The unemployed, many of whom were in despair, had tired of hearing that stock market speculation was the primary cause of the Great Depression. They wanted immediate solutions, especially concerning the weakened local economy. At the Commonwealth Club in San Francisco on September 23, 1932, Roosevelt described in somber terms the concentration of private enterprise in the United States into large business concerns: “Put plainly, we are steering a steady course toward oligarchy, if we are not there already,” he said. He went on to speak of every man’s right to life and to a comfortable living, declaring that “Our government, formal and informal, political and economic, owes to everyone a portion of that plenty sufficient for his needs, through his own work.” When election day came, California voted overwhelmingly for Roosevelt.

But even while FDR campaigned, the state’s economy continued to worsen. Overproduction of both agricultural and commercial commodities hastened the spread of unemployment. Once prosperous industries, farms, and real estate developments were mired down by the national depression. Within a few months, banks – following runs on their holdings by nearly hysterical depositors – were threatened with collapse. To give the state legislature time to devise protective legislation, Governor James “Sunny Jim” Rolph, Jr., ordered a three-day “bank holiday” on March 2, 1933. Two days later, during President Roosevelt’s inauguration, the governor of almost every state had imposed severe restrictions on the withdrawal of private bank funds. On the same day, Rolph extended the California bank holiday.

The country neared economic paralysis, the scarcity of money had reduced some businesses to using a barter system. Everyone hoped that Roosevelt’s “New Deal” would spur recovery. The administration asked Congress to pass sweeping new legislation that virtually put government in partnership with business. Roosevelt proposed that thousands of unemployed workers be hired by civic work projects. Because the energetic new president demonstrated that he viewed the crisis as far from insoluble, Californians looked to him for crucial leadership.

California’s relief activities, now carried on through a State Relief Administration, were, initially, far from adequate to meet emergency conditions. Even at this time, thousands of new migrants descended upon the state, though they were warned not to come in search of jobs. Rumors of high wages “out West” nonetheless convinced many to make a cross-country trip they were to regret. Among the newcomers were 350,000 farmers from the parched Dust Bowl areas of the Middle West, disdainfully called “Okies” or “Arkies” by older stock Californians. The overland trek of the Okies in their rickety “flivvers,” old jalopies heaped with mattresses and children, with blankets, brooms, and pails tied into the mess, and clanking all the while, has been vividly described in John Steinbeck’s poignant novel The Grapes of Wrath.

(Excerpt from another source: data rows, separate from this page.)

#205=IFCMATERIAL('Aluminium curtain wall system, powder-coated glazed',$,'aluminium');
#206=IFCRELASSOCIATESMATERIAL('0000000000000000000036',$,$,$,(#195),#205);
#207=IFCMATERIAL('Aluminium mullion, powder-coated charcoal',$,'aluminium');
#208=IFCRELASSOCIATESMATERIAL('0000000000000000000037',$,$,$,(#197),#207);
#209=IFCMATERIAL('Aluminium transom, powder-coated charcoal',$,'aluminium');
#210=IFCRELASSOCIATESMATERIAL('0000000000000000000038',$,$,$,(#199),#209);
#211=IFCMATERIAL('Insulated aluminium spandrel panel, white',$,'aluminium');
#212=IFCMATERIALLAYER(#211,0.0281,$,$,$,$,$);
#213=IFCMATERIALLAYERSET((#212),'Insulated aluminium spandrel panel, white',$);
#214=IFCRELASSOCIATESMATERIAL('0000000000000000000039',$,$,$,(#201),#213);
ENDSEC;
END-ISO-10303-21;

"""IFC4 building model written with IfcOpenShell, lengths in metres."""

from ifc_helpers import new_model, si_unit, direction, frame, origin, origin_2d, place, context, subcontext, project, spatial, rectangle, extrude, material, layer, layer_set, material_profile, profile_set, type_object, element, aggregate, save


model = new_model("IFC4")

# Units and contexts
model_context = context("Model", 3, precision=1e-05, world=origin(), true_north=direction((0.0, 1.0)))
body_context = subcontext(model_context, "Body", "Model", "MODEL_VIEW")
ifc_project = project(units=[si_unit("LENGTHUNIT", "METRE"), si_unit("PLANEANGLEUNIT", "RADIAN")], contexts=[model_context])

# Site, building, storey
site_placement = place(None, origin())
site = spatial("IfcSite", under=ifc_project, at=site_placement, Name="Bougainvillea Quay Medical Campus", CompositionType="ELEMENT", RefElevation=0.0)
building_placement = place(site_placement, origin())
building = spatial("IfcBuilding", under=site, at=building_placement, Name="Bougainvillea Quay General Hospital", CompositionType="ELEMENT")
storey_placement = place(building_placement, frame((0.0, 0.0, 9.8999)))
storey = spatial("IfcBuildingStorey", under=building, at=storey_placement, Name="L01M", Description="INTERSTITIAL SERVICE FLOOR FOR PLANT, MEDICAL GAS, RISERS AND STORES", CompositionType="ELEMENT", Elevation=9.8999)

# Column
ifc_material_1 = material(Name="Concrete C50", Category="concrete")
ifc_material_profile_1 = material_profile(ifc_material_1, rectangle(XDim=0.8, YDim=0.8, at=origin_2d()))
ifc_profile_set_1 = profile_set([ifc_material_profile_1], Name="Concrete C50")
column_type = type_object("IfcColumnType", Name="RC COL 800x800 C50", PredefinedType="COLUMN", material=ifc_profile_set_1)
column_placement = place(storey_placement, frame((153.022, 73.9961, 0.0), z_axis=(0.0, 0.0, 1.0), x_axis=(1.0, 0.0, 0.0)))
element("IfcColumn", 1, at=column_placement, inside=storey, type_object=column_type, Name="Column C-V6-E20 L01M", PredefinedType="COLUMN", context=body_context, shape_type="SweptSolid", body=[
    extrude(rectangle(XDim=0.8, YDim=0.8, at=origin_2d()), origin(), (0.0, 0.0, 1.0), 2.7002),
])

Most of these migrants arrived in California during 1935 and in the four years thereafter. Because the labor situation was so gravely depressed, even responsible citizens supported legislation to close the state’s borders to indigents. (Later, in 1941, the U.S. Supreme Court declared such laws unconstitutional.) Farm owners became accustomed to paying starvation wages that desperate migrants were forced to accept. Faced with bankruptcy, employers claimed they could not possibly spend money they did not have to improve the working conditions of California’s new refugees.

Both the AFL and Congress of Industrial Organizations (CIO), two rival labor groups, battled in the orchards of Marysville. In the packing sheds of Bakersfield and in the canneries of Fresno both unions sought to organize migrant workers. Moving to combat these efforts, after a wave of field strikes, in 1934 a group of farm owners formed the Associated Farmers of California. This anti-union group came to number 40,000 members, providing more than a match for the United Cannery, Agricultural, Packing and Allied Workers of America (UCAPAA), part of the CIO.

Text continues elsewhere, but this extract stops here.